Search code examples
clanguage-lawyerconst-pointer

Implicit and explicit conversion of pointers to const objects in C


The standard clearly states that attempting to access a const object through a pointer to a non-const type of that object will cause Undefined Behavior. The same applies to objects qualified with the volatile keyword and pointers to such objects.

But what is meant by access? For example, is an arbitrarily long string of pointer precasts containing an "incorrect" cast, but finally convertible to the correct type, an expression

int const i = 0;
int const *p = &i; // ok
int const *t = (int const *)(float *)(int *)&i; // is this OK or UB?

I have always been tormented by this point according to the strictness of the C language standard. In particular, I have many of the following special cases of passing arguments to functions, where they must be explicitly cast:

void send(unsigned int const buf[], unsigned int size);

typedef struct {
  unsigned int hdr;
  float temp;
  unsigned int data[5];
} Str;

void func(void) {
  Str const s = {
    0, 1.5f, {0, 1, 2, 3, 4}
  };
  ...
  send((unsigned int const *)&s, sizeof(s));
}

According to the rules of the standard, I can safely convert a pointer to a structure to a pointer to its first element (with the appropriate type), but nothing is said about additional obligations with qualifiers (or I did not see it). While I understand formally that it is correct to leave const in an explicit cast, it often clutters up the code a lot, and I would like to omit the use of const in this expression. I want to be sure that calling

send((unsigned int *)&s, sizeof(s));

is as safe as calling

send((unsigned int const *)&s, sizeof(s));

since the prototype of the send() function will explicitly force the compiler to implicitly convert (unsigned int *) to (unsigned int const *) for me.

But if any intermediate loss of the const qualifier in type conversions (in type casts), despite the fact that even the final type will have the correct qualifier (a conversion of the form (type const *) -> (type *) -> ... -> (type const *)), is prohibited by the standard, then a call in the style of send((unsigned int *)&s, sizeof(s)); will be incorrect.

Please confirm or deny with the points of the C standard.


Solution

  • But what is meant by access?

    C 2024 3.1 defines access:

    ⟨execution-time action⟩ read or modify the value of an object

    (Earlier versions of the standard said “to read or modify”.)
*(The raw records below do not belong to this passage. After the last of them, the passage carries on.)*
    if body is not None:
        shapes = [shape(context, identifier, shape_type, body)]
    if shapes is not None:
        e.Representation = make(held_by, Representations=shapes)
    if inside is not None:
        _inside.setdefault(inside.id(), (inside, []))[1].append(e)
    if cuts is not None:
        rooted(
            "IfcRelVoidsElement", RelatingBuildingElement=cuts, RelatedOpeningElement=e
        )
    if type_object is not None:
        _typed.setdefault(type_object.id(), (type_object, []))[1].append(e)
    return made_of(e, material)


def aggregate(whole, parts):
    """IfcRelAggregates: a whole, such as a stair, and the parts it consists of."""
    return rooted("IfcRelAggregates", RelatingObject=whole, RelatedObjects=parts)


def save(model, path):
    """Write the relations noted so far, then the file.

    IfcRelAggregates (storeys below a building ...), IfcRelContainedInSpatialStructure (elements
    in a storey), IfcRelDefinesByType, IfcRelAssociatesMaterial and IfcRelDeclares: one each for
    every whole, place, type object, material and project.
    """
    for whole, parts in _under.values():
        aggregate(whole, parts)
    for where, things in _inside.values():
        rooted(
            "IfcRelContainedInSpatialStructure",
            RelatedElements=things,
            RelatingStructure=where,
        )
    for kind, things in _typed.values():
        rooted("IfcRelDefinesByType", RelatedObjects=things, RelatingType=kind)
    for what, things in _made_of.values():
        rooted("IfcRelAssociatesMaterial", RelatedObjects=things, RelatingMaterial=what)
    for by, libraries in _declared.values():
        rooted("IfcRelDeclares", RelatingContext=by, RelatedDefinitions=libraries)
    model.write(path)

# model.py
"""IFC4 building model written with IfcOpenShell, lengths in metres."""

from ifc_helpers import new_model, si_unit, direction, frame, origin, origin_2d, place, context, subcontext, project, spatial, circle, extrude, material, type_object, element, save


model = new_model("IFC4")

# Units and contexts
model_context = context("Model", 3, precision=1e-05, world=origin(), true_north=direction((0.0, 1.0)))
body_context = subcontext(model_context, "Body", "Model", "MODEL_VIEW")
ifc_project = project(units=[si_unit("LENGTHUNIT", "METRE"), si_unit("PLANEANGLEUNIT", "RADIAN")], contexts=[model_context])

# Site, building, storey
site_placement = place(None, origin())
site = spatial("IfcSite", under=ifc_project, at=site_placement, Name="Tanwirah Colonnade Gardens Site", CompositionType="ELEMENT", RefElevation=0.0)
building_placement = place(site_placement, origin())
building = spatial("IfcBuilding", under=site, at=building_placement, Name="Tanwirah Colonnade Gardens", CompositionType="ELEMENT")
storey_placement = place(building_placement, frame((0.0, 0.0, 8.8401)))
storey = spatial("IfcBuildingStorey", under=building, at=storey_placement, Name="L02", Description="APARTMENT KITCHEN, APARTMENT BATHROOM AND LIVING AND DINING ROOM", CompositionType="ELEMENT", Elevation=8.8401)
    For example, is an arbitrarily long string of pointer precasts containing an "incorrect" cast, but finally convertible to the correct type…

    Converting pointers is merely operating on values and does not access the pointed-to objects.

    int const *t = (int const *)(float *)(int *)&i; // is this OK or UB?

    These involve rules about conversions of pointers, which I do not believe is the gist of your question. Per C 2024 6.3.3.3, conversions between pointers to object types are generally defined provided the alignment is suitable for the destination type. &i is necessarily suitably aligned for an int, because it was defined with int const i, so the conversions to int * and int const * are defined. The conversion to float * is defined if i is suitably aligned for a float. (An int is always suitably aligned for float in most common C implementations.)

    Given satisfactory alignment, conversion to a different pointer to an object type and back to the original type is guaranteed to produce a value equal to the original. Chains of conversions are not explicitly specified but may be reasonably presumed to restore the original value.

    The standard clearly states that attempting to access a const object through a pointer to a non-const type of that object will cause Undefined Behavior.

    It does not say that. As we see above, “access” includes reading, and reading an object defined with const is defined. What the standard says is undefined in this regard is, per 6.7.4.1, modifying a const-qualified object:

    If an attempt is made to modify an object defined with a const-qualified type through use of an lvalue with non-const-qualified type, the behavior is undefined.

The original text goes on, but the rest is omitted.